The strikes raise specific demands related to individual workplaces, and this been the excuse for some in the media to claim they aren't necessarily political. But if you look closer, there are a number of common factors in the nature of the strikes and their demands.

Most of the strikes are in the government-owned sector or in newly privatized companies. The demands typically center around five grievances.

First, workers want a 1,200-pound ($204) monthly minimum wage. Second, they want to replace corrupt CEOs--many of them are also members of Mubarak's National Democratic Party. Third, the strikers, many of whom have been working on temporary contracts for years, want job security. Fourth, many workers are demanding that privatization and outsourcing be reversed, and that they become government employees again. Fifth, among many strikers, there is a desire to get rid of pro-regime union officials and sympathy for the formation of new, independent unions.

A number of strikes have won concessions, especially around the demand to become permanent employees. Other walkouts have forced the government to replace corrupt managers and officials.
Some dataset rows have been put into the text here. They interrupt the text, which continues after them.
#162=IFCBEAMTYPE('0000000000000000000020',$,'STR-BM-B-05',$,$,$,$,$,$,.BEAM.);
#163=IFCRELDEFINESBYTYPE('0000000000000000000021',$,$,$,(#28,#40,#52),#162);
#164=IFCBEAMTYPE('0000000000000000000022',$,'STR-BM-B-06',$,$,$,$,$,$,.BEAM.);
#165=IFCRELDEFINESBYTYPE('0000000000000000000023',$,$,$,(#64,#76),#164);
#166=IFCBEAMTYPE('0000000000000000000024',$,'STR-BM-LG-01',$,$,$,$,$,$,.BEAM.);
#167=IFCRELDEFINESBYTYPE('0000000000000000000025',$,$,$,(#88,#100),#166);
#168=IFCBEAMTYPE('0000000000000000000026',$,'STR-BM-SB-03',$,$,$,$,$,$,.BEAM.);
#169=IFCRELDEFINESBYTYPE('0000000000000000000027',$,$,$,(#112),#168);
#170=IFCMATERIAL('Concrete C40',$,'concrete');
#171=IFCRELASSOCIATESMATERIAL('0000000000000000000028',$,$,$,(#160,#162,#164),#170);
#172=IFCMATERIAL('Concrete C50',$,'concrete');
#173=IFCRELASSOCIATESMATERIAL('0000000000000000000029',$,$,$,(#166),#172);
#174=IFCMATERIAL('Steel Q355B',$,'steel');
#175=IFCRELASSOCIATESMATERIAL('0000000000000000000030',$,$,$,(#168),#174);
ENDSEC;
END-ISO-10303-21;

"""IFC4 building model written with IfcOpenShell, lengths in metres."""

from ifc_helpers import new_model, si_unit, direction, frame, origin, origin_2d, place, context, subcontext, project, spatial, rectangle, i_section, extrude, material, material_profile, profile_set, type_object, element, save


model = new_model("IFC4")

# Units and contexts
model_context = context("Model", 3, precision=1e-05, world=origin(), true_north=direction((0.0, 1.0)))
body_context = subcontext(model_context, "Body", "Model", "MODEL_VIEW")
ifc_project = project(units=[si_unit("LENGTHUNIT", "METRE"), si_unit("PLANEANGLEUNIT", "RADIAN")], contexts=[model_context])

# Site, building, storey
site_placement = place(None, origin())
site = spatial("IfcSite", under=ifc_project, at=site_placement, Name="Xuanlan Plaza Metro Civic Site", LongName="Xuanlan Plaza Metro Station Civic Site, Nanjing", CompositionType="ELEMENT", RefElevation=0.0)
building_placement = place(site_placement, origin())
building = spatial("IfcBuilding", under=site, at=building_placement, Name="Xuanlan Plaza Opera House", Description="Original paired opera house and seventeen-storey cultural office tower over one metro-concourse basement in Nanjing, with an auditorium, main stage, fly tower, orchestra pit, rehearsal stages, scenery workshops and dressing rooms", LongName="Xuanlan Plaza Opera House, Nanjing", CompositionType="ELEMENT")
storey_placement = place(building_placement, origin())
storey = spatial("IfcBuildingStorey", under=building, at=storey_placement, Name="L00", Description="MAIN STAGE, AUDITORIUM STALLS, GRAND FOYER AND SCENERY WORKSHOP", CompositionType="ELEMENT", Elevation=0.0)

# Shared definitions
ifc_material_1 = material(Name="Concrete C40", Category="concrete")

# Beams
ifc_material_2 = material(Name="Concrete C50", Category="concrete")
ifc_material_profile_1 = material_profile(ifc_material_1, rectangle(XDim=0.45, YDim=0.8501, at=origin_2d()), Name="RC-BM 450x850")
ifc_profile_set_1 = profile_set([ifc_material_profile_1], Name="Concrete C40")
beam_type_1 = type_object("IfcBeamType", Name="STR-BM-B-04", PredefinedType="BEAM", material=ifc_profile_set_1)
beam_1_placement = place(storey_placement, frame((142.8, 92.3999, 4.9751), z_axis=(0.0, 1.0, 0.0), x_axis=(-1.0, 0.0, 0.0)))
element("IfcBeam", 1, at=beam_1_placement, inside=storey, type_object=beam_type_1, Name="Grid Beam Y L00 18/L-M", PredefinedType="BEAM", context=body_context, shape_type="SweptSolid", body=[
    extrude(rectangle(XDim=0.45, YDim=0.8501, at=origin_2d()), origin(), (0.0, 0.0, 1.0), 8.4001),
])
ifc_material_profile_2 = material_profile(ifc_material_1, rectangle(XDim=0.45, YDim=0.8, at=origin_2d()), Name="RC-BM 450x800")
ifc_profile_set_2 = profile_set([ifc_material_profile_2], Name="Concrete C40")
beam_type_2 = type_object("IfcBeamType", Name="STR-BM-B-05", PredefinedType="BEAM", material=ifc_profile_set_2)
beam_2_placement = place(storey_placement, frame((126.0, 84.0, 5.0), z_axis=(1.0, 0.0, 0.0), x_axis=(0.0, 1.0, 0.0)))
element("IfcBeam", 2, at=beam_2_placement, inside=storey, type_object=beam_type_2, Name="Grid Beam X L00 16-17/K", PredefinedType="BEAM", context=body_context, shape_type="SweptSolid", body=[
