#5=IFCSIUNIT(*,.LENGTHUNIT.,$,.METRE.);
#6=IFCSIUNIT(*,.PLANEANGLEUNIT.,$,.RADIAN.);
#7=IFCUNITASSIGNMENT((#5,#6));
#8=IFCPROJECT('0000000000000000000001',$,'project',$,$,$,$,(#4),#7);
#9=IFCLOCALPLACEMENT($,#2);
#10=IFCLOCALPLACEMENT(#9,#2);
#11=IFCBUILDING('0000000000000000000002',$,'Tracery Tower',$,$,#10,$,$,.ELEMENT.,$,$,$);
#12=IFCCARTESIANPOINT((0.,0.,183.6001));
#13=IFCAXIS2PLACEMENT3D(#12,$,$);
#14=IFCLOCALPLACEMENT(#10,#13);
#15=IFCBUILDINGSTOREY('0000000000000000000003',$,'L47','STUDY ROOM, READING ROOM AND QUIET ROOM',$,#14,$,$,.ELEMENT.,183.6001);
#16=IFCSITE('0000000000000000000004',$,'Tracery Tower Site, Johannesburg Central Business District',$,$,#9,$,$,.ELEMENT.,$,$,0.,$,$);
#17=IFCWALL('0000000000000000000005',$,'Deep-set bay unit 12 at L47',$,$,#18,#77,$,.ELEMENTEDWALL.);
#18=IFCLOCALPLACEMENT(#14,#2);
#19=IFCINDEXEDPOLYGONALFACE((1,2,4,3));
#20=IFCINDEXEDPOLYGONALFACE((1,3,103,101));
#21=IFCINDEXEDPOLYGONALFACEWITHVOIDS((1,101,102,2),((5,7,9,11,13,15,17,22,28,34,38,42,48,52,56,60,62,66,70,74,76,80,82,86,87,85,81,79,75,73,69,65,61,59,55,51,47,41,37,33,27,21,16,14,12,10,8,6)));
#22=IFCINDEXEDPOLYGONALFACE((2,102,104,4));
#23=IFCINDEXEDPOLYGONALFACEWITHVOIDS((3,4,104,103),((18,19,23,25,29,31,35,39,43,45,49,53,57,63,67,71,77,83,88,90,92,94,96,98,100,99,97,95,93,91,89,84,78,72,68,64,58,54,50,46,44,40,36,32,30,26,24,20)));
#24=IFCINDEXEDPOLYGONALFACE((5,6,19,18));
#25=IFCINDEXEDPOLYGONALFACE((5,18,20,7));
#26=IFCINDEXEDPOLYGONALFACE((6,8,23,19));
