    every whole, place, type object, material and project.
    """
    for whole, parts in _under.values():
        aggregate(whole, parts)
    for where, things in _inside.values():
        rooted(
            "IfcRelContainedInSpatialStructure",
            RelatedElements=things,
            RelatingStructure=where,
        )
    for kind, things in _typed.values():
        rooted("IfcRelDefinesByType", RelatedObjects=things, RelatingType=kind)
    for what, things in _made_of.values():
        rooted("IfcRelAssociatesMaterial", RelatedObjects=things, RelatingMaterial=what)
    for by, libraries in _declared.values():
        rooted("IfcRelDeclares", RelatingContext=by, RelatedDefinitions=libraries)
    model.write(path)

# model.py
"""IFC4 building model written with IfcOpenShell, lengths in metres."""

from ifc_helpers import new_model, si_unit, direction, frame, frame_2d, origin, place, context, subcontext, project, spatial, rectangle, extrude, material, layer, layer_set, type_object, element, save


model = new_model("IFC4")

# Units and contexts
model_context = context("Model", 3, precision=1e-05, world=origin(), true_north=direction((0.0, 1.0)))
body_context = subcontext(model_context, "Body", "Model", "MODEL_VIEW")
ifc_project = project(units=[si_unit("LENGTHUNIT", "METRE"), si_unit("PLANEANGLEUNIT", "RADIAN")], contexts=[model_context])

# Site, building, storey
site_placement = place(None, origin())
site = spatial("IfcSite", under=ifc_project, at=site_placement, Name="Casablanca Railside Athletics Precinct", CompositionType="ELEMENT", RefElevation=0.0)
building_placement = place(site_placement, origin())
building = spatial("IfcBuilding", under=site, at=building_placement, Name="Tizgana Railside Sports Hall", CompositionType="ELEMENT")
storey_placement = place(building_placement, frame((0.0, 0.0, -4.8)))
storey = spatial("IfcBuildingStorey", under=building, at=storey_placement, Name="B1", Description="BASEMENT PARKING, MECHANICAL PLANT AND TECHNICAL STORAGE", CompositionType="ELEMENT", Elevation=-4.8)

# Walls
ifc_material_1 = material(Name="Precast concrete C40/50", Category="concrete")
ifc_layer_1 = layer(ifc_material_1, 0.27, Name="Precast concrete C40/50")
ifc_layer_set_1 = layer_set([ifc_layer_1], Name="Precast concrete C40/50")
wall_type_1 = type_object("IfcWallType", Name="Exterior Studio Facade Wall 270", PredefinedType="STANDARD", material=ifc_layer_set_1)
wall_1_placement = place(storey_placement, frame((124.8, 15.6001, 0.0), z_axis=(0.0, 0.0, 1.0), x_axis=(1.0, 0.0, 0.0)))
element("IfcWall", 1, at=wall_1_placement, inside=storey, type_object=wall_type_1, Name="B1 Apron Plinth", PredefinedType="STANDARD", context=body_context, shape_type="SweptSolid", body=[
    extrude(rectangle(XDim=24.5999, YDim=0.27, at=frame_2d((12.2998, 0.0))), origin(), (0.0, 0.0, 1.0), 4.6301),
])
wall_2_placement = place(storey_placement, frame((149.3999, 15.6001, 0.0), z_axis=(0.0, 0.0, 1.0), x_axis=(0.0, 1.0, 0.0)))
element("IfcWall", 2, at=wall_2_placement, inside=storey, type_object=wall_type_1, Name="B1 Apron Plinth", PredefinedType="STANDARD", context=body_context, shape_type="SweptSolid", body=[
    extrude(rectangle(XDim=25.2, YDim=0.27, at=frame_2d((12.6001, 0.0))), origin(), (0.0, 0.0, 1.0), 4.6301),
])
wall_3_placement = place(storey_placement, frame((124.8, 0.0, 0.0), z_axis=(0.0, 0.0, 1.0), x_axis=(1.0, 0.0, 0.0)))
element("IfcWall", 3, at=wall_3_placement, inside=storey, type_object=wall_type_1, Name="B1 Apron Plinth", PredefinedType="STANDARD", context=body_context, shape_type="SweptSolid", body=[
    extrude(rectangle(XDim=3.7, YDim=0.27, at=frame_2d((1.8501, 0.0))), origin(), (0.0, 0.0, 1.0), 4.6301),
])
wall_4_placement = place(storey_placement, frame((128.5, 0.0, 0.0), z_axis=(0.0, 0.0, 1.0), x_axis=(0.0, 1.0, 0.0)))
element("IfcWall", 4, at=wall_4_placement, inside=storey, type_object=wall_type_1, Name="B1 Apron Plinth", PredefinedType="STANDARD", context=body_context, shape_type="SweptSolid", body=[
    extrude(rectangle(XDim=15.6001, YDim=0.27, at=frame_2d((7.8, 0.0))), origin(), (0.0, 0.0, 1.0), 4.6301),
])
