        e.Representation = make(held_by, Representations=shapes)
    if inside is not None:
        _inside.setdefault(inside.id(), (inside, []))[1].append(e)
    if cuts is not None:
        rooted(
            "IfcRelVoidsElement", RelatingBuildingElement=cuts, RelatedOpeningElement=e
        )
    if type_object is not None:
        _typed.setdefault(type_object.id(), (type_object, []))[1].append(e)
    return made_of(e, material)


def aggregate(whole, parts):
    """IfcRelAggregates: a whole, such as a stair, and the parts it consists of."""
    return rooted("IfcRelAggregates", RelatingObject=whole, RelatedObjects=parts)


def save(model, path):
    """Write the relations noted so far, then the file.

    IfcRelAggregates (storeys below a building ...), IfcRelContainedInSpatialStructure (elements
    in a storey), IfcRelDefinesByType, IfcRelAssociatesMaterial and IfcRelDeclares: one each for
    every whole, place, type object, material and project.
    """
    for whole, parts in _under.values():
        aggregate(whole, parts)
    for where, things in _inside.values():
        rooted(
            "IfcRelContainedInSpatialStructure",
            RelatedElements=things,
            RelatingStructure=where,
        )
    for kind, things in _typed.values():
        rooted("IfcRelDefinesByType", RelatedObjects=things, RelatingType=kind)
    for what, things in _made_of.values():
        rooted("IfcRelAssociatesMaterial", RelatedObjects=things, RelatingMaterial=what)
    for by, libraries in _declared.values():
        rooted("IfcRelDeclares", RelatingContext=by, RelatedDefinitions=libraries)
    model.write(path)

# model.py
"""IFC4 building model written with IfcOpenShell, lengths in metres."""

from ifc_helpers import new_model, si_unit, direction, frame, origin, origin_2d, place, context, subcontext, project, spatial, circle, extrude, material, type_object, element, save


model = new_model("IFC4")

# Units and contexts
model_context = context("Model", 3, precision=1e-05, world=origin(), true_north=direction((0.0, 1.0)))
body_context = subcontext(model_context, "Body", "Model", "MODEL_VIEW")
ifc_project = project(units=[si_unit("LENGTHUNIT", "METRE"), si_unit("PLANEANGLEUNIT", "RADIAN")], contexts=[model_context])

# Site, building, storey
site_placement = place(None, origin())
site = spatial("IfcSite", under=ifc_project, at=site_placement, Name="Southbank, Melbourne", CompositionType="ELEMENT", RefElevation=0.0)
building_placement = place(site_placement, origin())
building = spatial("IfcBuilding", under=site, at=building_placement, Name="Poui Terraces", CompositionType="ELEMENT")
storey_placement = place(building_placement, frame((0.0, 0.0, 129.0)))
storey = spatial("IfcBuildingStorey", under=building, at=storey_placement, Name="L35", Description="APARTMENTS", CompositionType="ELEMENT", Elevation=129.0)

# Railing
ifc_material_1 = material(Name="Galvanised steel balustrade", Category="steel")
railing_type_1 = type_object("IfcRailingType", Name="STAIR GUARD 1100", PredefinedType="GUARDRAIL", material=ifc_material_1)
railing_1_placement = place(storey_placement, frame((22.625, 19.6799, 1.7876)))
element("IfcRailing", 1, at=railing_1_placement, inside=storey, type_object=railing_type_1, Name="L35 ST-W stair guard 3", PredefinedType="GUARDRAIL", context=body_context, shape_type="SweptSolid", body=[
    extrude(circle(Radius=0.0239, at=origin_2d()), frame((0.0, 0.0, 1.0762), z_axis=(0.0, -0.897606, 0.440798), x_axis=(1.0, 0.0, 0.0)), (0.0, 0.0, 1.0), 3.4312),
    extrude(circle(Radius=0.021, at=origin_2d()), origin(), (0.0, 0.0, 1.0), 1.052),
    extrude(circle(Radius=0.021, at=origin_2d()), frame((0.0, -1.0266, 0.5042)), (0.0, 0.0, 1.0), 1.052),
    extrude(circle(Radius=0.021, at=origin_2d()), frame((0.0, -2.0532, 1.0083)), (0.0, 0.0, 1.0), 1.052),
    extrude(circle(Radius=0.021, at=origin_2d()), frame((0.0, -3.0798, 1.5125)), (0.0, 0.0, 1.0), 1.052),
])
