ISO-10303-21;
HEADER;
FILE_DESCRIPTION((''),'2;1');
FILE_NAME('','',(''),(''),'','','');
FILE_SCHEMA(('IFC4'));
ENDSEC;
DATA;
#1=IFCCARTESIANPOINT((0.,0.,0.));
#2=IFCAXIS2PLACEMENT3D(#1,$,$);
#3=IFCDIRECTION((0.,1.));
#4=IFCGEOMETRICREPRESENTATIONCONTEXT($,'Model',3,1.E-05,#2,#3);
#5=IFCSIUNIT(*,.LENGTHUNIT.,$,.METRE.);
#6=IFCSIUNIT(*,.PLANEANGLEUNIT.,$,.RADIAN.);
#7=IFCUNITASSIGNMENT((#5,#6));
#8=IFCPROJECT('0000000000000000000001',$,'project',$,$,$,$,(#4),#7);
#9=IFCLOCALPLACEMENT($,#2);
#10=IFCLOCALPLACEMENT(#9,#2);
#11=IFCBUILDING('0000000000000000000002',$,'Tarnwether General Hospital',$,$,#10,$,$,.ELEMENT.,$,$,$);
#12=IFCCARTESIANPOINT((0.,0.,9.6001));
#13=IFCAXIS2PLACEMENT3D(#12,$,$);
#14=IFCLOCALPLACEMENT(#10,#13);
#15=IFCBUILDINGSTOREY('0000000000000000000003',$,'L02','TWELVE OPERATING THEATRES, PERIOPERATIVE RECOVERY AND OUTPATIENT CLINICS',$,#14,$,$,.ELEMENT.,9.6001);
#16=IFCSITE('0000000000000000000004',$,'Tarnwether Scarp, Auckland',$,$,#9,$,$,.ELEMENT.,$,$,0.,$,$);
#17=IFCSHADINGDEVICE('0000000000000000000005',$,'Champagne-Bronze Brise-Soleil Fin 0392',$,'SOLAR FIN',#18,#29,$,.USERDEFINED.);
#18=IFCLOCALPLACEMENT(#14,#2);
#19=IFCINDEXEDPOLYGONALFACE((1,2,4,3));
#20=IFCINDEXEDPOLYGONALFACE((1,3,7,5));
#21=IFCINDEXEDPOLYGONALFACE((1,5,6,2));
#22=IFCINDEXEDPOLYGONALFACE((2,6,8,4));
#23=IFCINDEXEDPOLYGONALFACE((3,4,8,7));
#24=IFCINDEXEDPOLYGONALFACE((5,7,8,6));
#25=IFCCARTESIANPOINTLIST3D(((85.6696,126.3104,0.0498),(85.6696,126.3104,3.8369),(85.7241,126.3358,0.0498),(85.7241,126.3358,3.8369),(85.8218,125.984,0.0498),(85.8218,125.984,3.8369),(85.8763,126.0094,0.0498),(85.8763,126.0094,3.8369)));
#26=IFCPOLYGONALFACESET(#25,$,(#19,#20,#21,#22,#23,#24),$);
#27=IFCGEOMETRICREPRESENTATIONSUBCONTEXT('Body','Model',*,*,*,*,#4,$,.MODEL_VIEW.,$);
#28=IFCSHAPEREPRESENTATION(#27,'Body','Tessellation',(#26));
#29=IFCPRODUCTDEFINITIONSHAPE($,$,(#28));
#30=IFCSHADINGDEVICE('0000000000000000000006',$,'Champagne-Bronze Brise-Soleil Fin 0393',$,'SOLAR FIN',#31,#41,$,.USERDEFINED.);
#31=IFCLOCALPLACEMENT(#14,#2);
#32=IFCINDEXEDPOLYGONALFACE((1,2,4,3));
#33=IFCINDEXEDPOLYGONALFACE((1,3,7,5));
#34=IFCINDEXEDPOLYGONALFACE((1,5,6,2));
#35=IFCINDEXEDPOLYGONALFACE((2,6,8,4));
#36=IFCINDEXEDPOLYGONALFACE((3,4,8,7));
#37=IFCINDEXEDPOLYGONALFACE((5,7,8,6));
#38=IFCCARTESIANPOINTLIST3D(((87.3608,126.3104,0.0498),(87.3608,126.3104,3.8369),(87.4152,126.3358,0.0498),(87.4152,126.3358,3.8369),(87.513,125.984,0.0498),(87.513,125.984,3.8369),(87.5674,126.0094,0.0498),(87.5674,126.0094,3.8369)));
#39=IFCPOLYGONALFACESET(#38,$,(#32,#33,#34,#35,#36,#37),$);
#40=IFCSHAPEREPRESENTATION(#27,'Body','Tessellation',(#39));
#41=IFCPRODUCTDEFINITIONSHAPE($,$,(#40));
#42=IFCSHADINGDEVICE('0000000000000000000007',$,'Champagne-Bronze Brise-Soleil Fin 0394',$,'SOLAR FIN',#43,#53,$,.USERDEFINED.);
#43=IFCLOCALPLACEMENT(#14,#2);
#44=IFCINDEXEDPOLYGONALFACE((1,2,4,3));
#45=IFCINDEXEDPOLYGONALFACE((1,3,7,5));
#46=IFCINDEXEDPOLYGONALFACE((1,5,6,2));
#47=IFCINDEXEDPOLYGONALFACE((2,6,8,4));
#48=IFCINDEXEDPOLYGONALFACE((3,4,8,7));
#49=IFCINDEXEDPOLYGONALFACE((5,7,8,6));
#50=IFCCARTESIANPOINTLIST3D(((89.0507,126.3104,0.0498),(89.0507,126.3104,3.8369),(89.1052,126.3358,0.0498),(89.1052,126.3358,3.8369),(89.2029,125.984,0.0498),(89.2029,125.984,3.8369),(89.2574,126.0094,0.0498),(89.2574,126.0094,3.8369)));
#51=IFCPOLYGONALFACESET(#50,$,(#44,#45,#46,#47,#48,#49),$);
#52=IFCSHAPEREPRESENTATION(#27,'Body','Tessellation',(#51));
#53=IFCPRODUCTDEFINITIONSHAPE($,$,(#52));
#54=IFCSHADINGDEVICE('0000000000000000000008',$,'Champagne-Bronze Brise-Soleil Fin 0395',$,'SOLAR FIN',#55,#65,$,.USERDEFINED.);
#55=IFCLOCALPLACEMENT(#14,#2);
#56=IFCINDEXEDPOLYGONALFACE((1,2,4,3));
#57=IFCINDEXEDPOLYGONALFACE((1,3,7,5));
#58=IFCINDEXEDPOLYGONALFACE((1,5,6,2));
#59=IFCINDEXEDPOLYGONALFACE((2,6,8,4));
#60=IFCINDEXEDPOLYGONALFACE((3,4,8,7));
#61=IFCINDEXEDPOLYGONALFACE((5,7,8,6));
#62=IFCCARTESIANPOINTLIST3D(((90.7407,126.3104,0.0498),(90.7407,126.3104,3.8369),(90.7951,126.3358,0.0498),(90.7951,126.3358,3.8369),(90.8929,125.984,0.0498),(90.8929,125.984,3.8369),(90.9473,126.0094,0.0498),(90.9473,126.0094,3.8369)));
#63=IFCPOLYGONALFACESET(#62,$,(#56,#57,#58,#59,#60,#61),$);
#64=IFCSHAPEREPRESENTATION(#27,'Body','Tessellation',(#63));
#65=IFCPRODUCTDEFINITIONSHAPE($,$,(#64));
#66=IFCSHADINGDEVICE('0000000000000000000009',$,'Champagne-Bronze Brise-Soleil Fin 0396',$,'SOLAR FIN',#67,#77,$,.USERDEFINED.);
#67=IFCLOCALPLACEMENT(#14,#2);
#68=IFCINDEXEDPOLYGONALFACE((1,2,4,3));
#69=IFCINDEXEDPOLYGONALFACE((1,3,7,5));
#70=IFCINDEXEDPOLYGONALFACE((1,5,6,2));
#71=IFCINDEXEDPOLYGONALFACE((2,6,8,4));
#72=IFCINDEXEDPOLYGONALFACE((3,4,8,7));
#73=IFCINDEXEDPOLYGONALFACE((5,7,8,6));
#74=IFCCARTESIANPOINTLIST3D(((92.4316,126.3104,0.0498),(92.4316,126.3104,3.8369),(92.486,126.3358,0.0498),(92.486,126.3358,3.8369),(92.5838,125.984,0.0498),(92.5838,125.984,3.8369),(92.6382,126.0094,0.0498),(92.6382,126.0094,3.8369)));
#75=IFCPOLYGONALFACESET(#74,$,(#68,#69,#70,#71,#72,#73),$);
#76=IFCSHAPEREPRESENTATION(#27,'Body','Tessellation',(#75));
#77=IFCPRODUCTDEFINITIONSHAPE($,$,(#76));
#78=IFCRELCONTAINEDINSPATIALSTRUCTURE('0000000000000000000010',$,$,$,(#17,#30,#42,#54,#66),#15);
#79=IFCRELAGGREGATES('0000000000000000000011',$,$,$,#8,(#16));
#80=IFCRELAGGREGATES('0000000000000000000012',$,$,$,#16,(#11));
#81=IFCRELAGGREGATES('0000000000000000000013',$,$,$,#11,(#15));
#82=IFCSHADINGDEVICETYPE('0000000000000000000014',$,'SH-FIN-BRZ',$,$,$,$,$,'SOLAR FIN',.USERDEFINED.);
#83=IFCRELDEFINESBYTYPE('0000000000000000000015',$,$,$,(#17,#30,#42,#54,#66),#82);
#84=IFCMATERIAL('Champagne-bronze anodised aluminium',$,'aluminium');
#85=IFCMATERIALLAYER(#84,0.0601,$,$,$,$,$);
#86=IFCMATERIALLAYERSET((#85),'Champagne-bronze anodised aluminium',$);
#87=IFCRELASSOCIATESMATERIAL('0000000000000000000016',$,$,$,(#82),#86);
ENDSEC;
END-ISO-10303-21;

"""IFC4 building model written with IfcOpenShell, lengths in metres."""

from ifc_helpers import new_model, si_unit, direction, frame, origin, origin_2d, place, context, subcontext, project, spatial, rectangle, extrude, material, layer, layer_set, type_object, element, save


model = new_model("IFC4")

# Units and contexts
model_context = context("Model", 3, precision=1e-05, world=origin(), true_north=direction((0.0, 1.0)))
body_context = subcontext(model_context, "Body", "Model", "MODEL_VIEW")
ifc_project = project(units=[si_unit("LENGTHUNIT", "METRE"), si_unit("PLANEANGLEUNIT", "RADIAN")], contexts=[model_context])

# Site, building, storey
site_placement = place(None, origin())
site = spatial("IfcSite", under=ifc_project, at=site_placement, Name="Tarnwether Scarp, Auckland", CompositionType="ELEMENT", RefElevation=0.0)
building_placement = place(site_placement, origin())
building = spatial("IfcBuilding", under=site, at=building_placement, Name="Tarnwether General Hospital", CompositionType="ELEMENT")
storey_placement = place(building_placement, frame((0.0, 0.0, 9.6001)))
storey = spatial("IfcBuildingStorey", under=building, at=storey_placement, Name="L02", Description="TWELVE OPERATING THEATRES, PERIOPERATIVE RECOVERY AND OUTPATIENT CLINICS", CompositionType="ELEMENT", Elevation=9.6001)

# Shading devices
ifc_material_1 = material(Name="Champagne-bronze anodised aluminium", Category="aluminium")
ifc_layer_1 = layer(ifc_material_1, 0.0601)
ifc_layer_set_1 = layer_set([ifc_layer_1], Name="Champagne-bronze anodised aluminium")
shading_device_type = type_object("IfcShadingDeviceType", Name="SH-FIN-BRZ", ElementType="SOLAR FIN", PredefinedType="USERDEFINED", material=ifc_layer_set_1)
for number, where, z_axis, x_axis, name in (
    (1, (85.7729, 126.1599, 0.0498), (0.0, 0.0, 1.0), (0.906308, 0.422618, 0.0), "Champagne-Bronze Brise-Soleil Fin 0392"),
    (2, (87.4641, 126.1599, 0.0498), (0.0, 0.0, 1.0), (0.906308, 0.422618, 0.0), "Champagne-Bronze Brise-Soleil Fin 0393"),
    (3, (89.1541, 126.1599, 0.0498), (0.0, 0.0, 1.0), (0.906308, 0.422618, 0.0), "Champagne-Bronze Brise-Soleil Fin 0394"),
    (4, (90.844, 126.1599, 0.0498), (0.0, 0.0, 1.0), (0.906308, 0.422618, 0.0), "Champagne-Bronze Brise-Soleil Fin 0395"),
    (5, (92.5349, 126.1599, 0.0498), (0.0, 0.0, 1.0), (0.906308, 0.422618, 0.0), "Champagne-Bronze Brise-Soleil Fin 0396"),
):
    element("IfcShadingDevice", number, at=place(storey_placement, frame(where, z_axis=z_axis, x_axis=x_axis)), inside=storey, type_object=shading_device_type, Name=name, ObjectType="SOLAR FIN", PredefinedType="USERDEFINED", context=body_context, shape_type="SweptSolid", body=[
        extrude(rectangle(XDim=0.0601, YDim=0.3601, at=origin_2d()), origin(), (0.0, 0.0, 1.0), 3.7871),
    ])

save(model, "model.ifc")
On January 30, four independent unions, led by the property tax collectors union, formed the Egyptian Federation of Independent Trade Unions. This federation is gaining support. On Wednesday, night-shift workers at the Misr Spinning and Weaving Co.--the country's largest state-owned company--in the industrial center of Mahalla went on strike, and the action spread to other shifts. The workers reportedly voted to join the new federation.

Egypt's two biggest cities, Cairo and Alexandria, are the site of daily multiple strikes. While the heavily industrialized Delta region in the north is seeing many of these actions, some parts of Egypt's south are also on fire. For example, workers from all trades in the southern city of Asyut are on strike, and their street demonstrations give the town the appearance of a general strike.

Western media reports on the Egyptian revolution have emphasized the role of youth in making the revolution--and especially those with access to Facebook and Twitter. But this misses the importance of the mobilization of workers, whether young or old. As a member of the Revolutionary Socialists in Egypt said in an interview:

Young people from different social classes, all with their own grievances against the regime, did play a leading role in igniting this revolution. But the role of the working class in the revolution was central from day one...

[W]orkers in Cairo, Alexandria and Mansoura were key players from the beginning. However, workers couldn't participate collectively in the revolutionary struggle at that point because the capitalists went on strike and shut down production. That would change in the days before the fall of Mubarak on February 11, and in its immediate aftermath.

Egyptian workers refuse to live in the conditions they have been forced to endure any longer. They support the changes so far, but want to go further--to bring down the Mubarak regime and create the space to organize for their legitimate social and economic demands.

On the other side, military leaders and their liberal backers want the Egyptian revolution to come in for a soft landing as a political revolution against a dictator, which leaves the structure of Egyptian society intact. This would replace one section of the ruling class with another--the sections of big business not tarnished by associations with the Mubarak gang taking over from the most corrupt cronies.

The strike wave in Egypt shows the potential for deepening the revolution and transforming it into an all-out class struggle against the social and economic system.